A casual glance at the morning newspaper shows how much government does. “U.S. War in Iraq Declared Officially Over.” Down a bit we read “Lawmakers Offer Bipartisan Plan to Overhaul Medicare.” Meanwhile a huge spending bill involves political struggles over “travel to Cuba. Abortions in the nation’s capital. Energy efficiency standards for light bulbs.” All that and no mention of Social Security, the largest federal program!
Why does government do so much? Here’s one common answer. Problems develop in society and come to public attention. Many Americans think “that’s a problem, government should do something about that.” Former President George W. Bush put this folk wisdom succinctly: “We have a responsibility that when somebody hurts, government has got to move.” Government spending (and taxing) are desired responses to public problems, responses that most all Americans endorse.
Economists provided a more rigorous account of why government should act through the theory of “market failure.” Markets are judged by the standard of efficiency which means satisfying as many preferences as possible at a given time. But, it is said, markets fail to be efficient. Sometimes they do not offer goods or services — national defense, lighthouses — that everyone wants. Government should then provide such “public goods.” At other times, market exchanges between two parties have effects on third parties (and more). Sometimes these “externalities” are negative: think of pollution. It is also argued that free exchanges sometimes do not produce as much of a good as society could produce. Free exchange, for example, is said to foster too little spending on education. Government spending on education could lead to a better outcome, a “positive externality.” Economists have come up with other examples of “market failure,” but you get the idea: markets fail, government succeeds.
Until the 1960s, the theory of market failure dominated economics and policymaking. Since then, a subfield of economics “public choice” has raised questions about the claim “government succeeds.” Public choice economists have explored the idea of “government failure.” In other words, they focus on testing the unexamined premise of the theory of market failure: the idea that government can do better than markets at serving the general welfare.

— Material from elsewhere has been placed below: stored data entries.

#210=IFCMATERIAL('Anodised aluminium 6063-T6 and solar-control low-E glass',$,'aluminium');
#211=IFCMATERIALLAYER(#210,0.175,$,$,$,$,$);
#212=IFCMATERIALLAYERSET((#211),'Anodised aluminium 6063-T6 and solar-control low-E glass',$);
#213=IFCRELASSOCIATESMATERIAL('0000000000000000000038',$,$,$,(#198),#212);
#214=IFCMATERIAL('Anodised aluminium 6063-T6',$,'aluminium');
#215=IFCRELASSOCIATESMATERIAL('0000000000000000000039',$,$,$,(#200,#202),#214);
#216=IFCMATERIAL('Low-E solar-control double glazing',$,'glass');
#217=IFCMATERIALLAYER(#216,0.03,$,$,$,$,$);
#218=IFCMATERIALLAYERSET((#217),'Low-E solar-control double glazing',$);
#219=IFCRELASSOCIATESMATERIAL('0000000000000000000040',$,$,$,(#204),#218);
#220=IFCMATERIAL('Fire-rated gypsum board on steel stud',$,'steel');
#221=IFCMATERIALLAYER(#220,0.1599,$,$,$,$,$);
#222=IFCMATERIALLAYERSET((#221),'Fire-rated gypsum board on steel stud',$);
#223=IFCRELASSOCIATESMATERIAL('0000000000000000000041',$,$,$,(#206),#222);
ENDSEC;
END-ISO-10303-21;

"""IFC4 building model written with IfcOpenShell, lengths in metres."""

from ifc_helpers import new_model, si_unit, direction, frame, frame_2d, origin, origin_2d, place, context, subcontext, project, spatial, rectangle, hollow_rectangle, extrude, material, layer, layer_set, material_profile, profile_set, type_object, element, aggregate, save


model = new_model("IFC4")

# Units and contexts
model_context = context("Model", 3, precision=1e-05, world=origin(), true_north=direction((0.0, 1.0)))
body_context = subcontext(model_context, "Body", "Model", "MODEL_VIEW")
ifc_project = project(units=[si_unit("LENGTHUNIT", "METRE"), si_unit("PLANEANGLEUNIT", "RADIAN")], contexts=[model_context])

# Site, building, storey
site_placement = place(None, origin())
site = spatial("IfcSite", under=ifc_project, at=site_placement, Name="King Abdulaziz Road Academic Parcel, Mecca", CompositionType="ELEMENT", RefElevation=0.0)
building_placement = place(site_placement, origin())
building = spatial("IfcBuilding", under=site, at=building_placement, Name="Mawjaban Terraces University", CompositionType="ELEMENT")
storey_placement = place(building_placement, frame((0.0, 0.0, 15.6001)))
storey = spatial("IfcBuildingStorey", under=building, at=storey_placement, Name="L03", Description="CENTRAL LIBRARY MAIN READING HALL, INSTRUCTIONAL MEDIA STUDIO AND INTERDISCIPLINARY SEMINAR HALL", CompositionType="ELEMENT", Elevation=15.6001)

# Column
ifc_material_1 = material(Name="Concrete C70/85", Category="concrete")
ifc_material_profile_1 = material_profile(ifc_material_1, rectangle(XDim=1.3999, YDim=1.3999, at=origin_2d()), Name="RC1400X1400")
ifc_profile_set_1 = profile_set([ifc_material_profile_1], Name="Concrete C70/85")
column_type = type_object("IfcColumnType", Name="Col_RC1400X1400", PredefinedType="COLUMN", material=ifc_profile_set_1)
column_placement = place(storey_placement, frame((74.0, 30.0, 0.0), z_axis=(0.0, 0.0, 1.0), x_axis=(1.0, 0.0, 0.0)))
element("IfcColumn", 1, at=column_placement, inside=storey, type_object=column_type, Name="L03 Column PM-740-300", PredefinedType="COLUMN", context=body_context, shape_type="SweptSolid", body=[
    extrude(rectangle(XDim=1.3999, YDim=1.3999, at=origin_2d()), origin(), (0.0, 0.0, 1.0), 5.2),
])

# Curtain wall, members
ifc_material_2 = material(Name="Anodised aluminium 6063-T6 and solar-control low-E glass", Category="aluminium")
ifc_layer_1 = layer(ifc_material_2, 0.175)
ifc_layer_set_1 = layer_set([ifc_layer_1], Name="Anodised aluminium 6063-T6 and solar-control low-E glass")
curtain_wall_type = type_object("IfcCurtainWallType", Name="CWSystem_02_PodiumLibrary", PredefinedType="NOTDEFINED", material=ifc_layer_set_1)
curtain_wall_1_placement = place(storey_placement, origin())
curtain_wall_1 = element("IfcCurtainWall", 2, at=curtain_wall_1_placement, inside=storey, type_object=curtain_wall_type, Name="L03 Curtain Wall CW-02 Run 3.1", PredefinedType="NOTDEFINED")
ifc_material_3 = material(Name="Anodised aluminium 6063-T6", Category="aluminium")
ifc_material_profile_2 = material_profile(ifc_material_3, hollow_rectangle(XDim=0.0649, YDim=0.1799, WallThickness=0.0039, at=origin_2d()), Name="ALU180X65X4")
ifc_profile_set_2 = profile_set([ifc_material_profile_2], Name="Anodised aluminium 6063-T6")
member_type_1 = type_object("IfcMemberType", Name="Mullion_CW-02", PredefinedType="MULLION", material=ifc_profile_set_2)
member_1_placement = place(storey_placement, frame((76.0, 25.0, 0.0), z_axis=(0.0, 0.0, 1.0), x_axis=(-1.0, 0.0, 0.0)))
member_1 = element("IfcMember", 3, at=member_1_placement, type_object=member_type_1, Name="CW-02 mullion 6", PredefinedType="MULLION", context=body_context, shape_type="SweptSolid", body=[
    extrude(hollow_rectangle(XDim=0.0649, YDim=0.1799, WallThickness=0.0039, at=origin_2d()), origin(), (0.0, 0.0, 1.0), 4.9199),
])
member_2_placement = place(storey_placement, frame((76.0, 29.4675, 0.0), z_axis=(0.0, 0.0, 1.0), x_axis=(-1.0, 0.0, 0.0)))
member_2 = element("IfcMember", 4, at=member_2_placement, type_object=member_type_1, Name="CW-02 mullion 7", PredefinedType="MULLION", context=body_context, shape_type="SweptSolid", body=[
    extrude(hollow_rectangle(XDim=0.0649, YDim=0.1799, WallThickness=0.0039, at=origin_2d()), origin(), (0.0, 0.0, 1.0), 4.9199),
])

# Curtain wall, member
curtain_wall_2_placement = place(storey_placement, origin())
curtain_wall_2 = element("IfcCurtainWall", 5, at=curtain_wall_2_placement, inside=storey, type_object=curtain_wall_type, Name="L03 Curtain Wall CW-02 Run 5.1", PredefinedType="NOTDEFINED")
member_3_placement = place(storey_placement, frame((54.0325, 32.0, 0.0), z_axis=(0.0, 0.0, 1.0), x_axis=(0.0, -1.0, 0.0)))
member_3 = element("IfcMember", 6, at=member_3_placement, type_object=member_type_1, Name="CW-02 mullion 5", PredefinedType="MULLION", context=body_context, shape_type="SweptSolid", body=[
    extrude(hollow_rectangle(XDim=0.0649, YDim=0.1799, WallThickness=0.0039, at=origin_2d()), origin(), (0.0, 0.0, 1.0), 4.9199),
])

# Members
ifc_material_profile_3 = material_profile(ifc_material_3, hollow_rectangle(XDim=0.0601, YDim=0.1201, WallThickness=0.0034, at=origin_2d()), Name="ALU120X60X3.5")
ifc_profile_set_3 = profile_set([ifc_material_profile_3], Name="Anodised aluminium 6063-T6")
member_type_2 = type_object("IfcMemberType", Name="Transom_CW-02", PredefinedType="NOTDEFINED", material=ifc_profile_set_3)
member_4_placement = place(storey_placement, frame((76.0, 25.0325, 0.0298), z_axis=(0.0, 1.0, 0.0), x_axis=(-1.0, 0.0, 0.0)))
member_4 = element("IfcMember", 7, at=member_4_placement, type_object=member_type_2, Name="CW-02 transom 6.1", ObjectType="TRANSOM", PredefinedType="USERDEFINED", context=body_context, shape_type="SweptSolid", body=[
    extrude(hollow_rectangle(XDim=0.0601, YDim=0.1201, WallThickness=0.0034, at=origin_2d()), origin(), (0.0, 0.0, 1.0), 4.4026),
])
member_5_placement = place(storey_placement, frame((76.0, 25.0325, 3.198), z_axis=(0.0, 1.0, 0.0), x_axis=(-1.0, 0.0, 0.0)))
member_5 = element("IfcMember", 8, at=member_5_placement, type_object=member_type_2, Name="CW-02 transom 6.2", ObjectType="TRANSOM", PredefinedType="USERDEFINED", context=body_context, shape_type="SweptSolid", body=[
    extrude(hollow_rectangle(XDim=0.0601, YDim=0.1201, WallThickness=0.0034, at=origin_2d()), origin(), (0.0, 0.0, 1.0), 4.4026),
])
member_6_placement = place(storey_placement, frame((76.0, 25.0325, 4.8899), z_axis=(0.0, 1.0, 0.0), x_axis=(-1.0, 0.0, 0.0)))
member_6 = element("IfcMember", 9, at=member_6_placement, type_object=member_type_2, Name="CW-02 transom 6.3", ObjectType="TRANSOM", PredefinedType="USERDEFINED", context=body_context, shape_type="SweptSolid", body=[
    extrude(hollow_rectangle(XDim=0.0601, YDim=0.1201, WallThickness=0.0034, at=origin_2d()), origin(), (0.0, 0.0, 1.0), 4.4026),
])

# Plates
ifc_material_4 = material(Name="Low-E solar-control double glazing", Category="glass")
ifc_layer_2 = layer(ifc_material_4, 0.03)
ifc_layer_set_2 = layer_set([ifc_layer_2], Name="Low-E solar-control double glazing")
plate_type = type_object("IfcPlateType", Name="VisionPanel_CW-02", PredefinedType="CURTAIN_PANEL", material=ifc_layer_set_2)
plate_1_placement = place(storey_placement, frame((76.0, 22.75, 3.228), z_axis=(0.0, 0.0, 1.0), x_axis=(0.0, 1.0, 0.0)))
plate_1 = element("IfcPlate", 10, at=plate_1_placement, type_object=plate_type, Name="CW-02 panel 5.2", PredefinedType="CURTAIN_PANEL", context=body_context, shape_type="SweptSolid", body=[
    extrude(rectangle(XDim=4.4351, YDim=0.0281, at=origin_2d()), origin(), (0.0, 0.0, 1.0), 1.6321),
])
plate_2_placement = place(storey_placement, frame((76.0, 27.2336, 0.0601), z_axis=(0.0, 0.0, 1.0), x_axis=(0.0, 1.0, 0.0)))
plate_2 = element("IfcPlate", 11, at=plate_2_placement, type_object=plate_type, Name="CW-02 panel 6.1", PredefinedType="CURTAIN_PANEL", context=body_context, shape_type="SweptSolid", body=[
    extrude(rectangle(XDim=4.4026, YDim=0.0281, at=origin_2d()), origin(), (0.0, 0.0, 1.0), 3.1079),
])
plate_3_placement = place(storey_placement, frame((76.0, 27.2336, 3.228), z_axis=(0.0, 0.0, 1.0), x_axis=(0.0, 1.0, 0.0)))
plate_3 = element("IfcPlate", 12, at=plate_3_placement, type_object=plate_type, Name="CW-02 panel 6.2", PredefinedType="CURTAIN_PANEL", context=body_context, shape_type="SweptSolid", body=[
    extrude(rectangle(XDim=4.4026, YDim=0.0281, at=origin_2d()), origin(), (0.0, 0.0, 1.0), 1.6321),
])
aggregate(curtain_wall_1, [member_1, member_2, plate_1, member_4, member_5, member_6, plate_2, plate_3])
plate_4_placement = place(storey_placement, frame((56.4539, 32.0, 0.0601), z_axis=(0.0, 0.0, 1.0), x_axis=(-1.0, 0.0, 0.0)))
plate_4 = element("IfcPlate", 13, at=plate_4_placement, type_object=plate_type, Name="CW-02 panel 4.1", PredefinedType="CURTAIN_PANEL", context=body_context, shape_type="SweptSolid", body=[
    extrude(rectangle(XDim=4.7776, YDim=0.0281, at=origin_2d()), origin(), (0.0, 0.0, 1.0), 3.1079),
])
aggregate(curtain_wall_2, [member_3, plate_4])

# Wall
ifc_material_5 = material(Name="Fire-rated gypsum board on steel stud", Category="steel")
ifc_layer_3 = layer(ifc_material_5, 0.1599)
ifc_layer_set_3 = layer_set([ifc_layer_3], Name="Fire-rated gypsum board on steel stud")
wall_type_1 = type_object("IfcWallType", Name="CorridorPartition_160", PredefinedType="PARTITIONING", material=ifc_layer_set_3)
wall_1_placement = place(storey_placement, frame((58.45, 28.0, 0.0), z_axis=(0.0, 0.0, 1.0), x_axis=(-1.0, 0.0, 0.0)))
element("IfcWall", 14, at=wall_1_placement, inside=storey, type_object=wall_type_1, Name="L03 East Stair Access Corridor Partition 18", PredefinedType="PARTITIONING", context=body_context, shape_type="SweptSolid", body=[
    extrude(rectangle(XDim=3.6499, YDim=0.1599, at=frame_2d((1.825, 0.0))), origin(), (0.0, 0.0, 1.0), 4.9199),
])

Public choice extends the assumptions of economics to government action. Market failure theorists assumed government officials (or voters, for that matter) were beneficent and acted for the common good. In contrast, public choice economists offered “politics without romance.” Public choice began by assuming that all individuals, including everyone in politics and government, were self‐interested and acted accordingly. Why would the butcher, baker, and candle maker change when they became a bureaucrat, lobbyist, or voter? Other questions seemed implicit in this starting point for public choice. What did the rational pursuit of private interest lead to in the public realm? Was it really true that if markets fail, government succeeds by the standard of efficiency?
Over the next few weeks I plan to write some brief explanations of the central concepts of public choice. These ideas are important to libertarianism. Why? The economist William A. Niskanen explains:
In evaluating proposed changes in government institutions and policies, we now have the opportunity to compare imperfect markets with imperfect government and thus avoid the biases inherent in assuming perfection in either institution.